# Pm-940m-pdf Arrived



## Subwayrocket (Jul 5, 2016)

PM-940M-PDF arrived today 7/5 .  I placed the order with Matt this past Wed, 6/29 , I got a tracking # later that day and asked for delivery next Tues. . I got a call on 7/1 that it's arrived here in town, when can they deliver it. It's 4th July weekend so I said Tues . Today is Tues 7/5 , driver called at 0900 and was here by 10 with a pallet jack. Had it in my garage and was gone by 1015 . Everything seems well packed . So far so good.
I have been reading many of your threads and posts over the past few months, thank you all for posting a wealth of information ! I recently joined Hobby Machinist .  Getting started building a base for the 940 , will raise it about 2 or 3 inches .


----------



## wrmiller (Jul 5, 2016)

Welcome to the H-M forums and to the PM fraternity!


----------



## Subwayrocket (Jul 6, 2016)

Making some progress on the base. Added some strongbacks to the bottom. Levelers and casters next......where does the time go !


----------



## Subwayrocket (Jul 12, 2016)

....


----------



## Subwayrocket (Jul 12, 2016)

Just a little more cutting, drilling and grinding ...then lifting it should be fun . Engine hoist !


----------



## Subwayrocket (Jul 17, 2016)

These leveling legs were cut off large industrial food service machinery at my buddies scrap yard, 304 Stainless , 1/2" bolt levelers up front and 3/4" at the back of the dolly.
SSC casters are also off large machinery there, sprayed out with PB blaster, re greased and ready for a new life.
The main body of this dolly is 1/4" angle 3"x4" and the strong backs around the bottom and sides are 1-1/4"  0.125" .

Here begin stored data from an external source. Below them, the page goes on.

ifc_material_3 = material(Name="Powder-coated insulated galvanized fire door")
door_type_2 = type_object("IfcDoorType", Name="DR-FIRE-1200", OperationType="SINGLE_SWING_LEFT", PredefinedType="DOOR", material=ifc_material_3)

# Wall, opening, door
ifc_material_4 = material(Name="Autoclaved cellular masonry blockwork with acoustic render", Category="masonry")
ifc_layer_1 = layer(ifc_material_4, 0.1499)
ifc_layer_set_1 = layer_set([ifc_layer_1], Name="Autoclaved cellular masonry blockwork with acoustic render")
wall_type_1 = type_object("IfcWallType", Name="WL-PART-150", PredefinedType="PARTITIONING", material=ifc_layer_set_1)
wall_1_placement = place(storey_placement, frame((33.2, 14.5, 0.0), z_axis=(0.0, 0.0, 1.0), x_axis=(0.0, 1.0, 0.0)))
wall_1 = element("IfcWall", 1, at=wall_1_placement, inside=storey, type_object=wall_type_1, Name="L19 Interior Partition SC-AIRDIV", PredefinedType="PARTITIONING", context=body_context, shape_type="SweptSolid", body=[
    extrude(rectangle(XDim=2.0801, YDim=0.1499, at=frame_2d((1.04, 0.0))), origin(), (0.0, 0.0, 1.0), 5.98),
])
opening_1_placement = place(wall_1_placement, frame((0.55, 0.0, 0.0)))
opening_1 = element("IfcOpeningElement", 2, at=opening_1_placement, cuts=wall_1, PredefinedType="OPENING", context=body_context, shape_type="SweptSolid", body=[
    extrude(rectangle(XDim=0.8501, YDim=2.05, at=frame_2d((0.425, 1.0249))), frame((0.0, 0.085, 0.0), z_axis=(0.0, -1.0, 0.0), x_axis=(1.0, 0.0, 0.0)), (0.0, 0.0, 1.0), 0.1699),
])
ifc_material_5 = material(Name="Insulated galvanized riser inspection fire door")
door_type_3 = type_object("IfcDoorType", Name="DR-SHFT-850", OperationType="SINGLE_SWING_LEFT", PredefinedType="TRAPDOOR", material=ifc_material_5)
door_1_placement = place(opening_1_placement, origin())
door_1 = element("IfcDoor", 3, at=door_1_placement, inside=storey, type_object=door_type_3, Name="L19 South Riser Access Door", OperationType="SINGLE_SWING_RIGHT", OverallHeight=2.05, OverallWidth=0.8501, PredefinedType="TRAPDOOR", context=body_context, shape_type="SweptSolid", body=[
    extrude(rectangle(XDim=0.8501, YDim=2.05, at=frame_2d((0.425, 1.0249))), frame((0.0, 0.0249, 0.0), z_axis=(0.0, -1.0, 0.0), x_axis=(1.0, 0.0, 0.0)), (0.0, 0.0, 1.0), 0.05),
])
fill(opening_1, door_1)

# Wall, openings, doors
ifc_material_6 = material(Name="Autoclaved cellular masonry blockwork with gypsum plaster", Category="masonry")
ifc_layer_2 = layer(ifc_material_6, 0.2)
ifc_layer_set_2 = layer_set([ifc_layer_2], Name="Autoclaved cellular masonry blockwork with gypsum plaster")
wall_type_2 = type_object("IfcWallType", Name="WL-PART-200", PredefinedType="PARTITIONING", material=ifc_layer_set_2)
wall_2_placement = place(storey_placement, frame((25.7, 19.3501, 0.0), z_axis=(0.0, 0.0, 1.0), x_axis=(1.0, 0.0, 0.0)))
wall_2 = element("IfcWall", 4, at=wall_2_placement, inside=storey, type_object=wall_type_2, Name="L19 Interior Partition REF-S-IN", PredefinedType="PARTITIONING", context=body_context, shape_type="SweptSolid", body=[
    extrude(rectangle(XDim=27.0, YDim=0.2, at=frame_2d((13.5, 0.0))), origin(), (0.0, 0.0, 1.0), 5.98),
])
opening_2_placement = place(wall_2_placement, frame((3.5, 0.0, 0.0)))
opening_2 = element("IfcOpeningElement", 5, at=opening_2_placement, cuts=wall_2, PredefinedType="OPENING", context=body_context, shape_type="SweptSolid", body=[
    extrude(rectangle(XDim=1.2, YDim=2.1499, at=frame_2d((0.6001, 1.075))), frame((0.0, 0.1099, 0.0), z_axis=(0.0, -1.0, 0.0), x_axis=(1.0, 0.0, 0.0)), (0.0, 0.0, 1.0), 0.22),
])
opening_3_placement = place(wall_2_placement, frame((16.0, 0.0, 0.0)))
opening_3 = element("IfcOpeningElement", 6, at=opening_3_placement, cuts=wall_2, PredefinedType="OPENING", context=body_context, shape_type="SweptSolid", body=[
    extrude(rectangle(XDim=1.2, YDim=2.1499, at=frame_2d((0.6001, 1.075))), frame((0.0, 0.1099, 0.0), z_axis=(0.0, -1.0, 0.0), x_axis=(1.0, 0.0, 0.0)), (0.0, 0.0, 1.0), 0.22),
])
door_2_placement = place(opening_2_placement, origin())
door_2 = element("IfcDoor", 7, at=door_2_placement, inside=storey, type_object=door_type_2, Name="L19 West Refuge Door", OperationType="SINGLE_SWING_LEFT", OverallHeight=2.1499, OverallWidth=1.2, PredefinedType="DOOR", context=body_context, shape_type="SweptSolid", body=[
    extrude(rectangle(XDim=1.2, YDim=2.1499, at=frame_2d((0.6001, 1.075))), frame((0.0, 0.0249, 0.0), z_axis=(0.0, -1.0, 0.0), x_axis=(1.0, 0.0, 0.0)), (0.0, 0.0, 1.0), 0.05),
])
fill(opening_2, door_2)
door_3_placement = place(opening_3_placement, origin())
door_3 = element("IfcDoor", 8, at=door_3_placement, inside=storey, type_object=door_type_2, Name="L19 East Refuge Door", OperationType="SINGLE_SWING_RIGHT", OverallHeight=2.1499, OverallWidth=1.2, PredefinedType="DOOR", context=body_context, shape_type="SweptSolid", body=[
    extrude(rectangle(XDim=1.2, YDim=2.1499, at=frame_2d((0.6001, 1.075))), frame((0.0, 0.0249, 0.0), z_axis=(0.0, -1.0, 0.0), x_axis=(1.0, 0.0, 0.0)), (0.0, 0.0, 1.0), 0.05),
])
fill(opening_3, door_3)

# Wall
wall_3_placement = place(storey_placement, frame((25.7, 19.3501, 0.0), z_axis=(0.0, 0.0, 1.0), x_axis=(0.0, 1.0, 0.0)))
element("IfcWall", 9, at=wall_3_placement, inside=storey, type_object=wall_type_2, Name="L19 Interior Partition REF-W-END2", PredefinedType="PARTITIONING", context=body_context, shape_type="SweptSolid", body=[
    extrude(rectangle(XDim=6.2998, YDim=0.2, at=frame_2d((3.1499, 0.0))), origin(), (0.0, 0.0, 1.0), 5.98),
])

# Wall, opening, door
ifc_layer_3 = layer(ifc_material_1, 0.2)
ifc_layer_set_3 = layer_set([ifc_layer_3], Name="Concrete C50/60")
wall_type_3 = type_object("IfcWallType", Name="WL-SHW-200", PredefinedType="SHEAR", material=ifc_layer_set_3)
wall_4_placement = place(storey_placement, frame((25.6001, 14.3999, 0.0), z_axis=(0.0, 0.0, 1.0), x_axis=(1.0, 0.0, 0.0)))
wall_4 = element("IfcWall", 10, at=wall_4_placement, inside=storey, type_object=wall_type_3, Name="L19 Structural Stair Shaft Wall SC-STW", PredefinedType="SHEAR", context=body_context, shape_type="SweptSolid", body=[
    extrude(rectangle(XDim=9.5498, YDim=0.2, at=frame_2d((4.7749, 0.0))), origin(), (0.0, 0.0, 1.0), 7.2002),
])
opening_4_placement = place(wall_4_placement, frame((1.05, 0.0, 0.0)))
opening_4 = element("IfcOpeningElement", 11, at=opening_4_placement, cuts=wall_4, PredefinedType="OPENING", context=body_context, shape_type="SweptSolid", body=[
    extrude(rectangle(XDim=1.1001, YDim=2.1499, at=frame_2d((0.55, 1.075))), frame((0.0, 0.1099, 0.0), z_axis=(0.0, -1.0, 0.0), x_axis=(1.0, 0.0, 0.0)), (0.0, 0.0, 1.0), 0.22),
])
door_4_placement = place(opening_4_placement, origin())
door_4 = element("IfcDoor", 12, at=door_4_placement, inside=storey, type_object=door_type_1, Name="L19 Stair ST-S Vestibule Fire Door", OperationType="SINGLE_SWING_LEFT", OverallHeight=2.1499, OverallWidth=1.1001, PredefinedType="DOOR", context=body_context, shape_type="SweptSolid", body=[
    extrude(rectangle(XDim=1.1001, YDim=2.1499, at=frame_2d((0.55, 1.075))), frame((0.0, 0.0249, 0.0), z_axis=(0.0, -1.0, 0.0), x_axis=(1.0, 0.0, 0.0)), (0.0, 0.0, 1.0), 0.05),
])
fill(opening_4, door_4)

Finally found a use for that can of blue engine paint I've had....and its a perfect match .
I cut some strips of rubber roofing material (0.040" ~1 mm) , glued it down then set the mill base on in. 










Put the base on the dolly and tried out the leveling legs.  Just have to hoist the mill onto it now ...next day off









Some Closeups of the angled pieces I welded in to add support to the cantilevered casters. Also some flat stock welded in to tie in the strong backs on the bottom to the 1/4" angle , to add strength. These casters are at least twice as stout as what was on the 2 Ton engine hoist ...so I think they'll do .


----------



## lpeedin (Jul 18, 2016)

Excellent work!


----------



## Subwayrocket (Jul 31, 2016)

Made a little hand tool so I don't have to fumble around on a stool with a wrench on the draw bar above the mill .
Got a bunch of these 304 knurled knobs off food service machines at the scrap yard, knew they'd come in handy.
Don't know exactly what the socket is made of so used some 625 rod.
----------------------------------------------------------------


----------



## mrbasher (Aug 1, 2016)

Nice looking welds man. Wow. I'm still practicing.


----------



## Subwayrocket (Aug 1, 2016)

Thanks. Started making some chips , made a few little things for practice. Modified some tools to. The PM works well. Made a speed wheel for my vise today. No more long handle in the way.


----------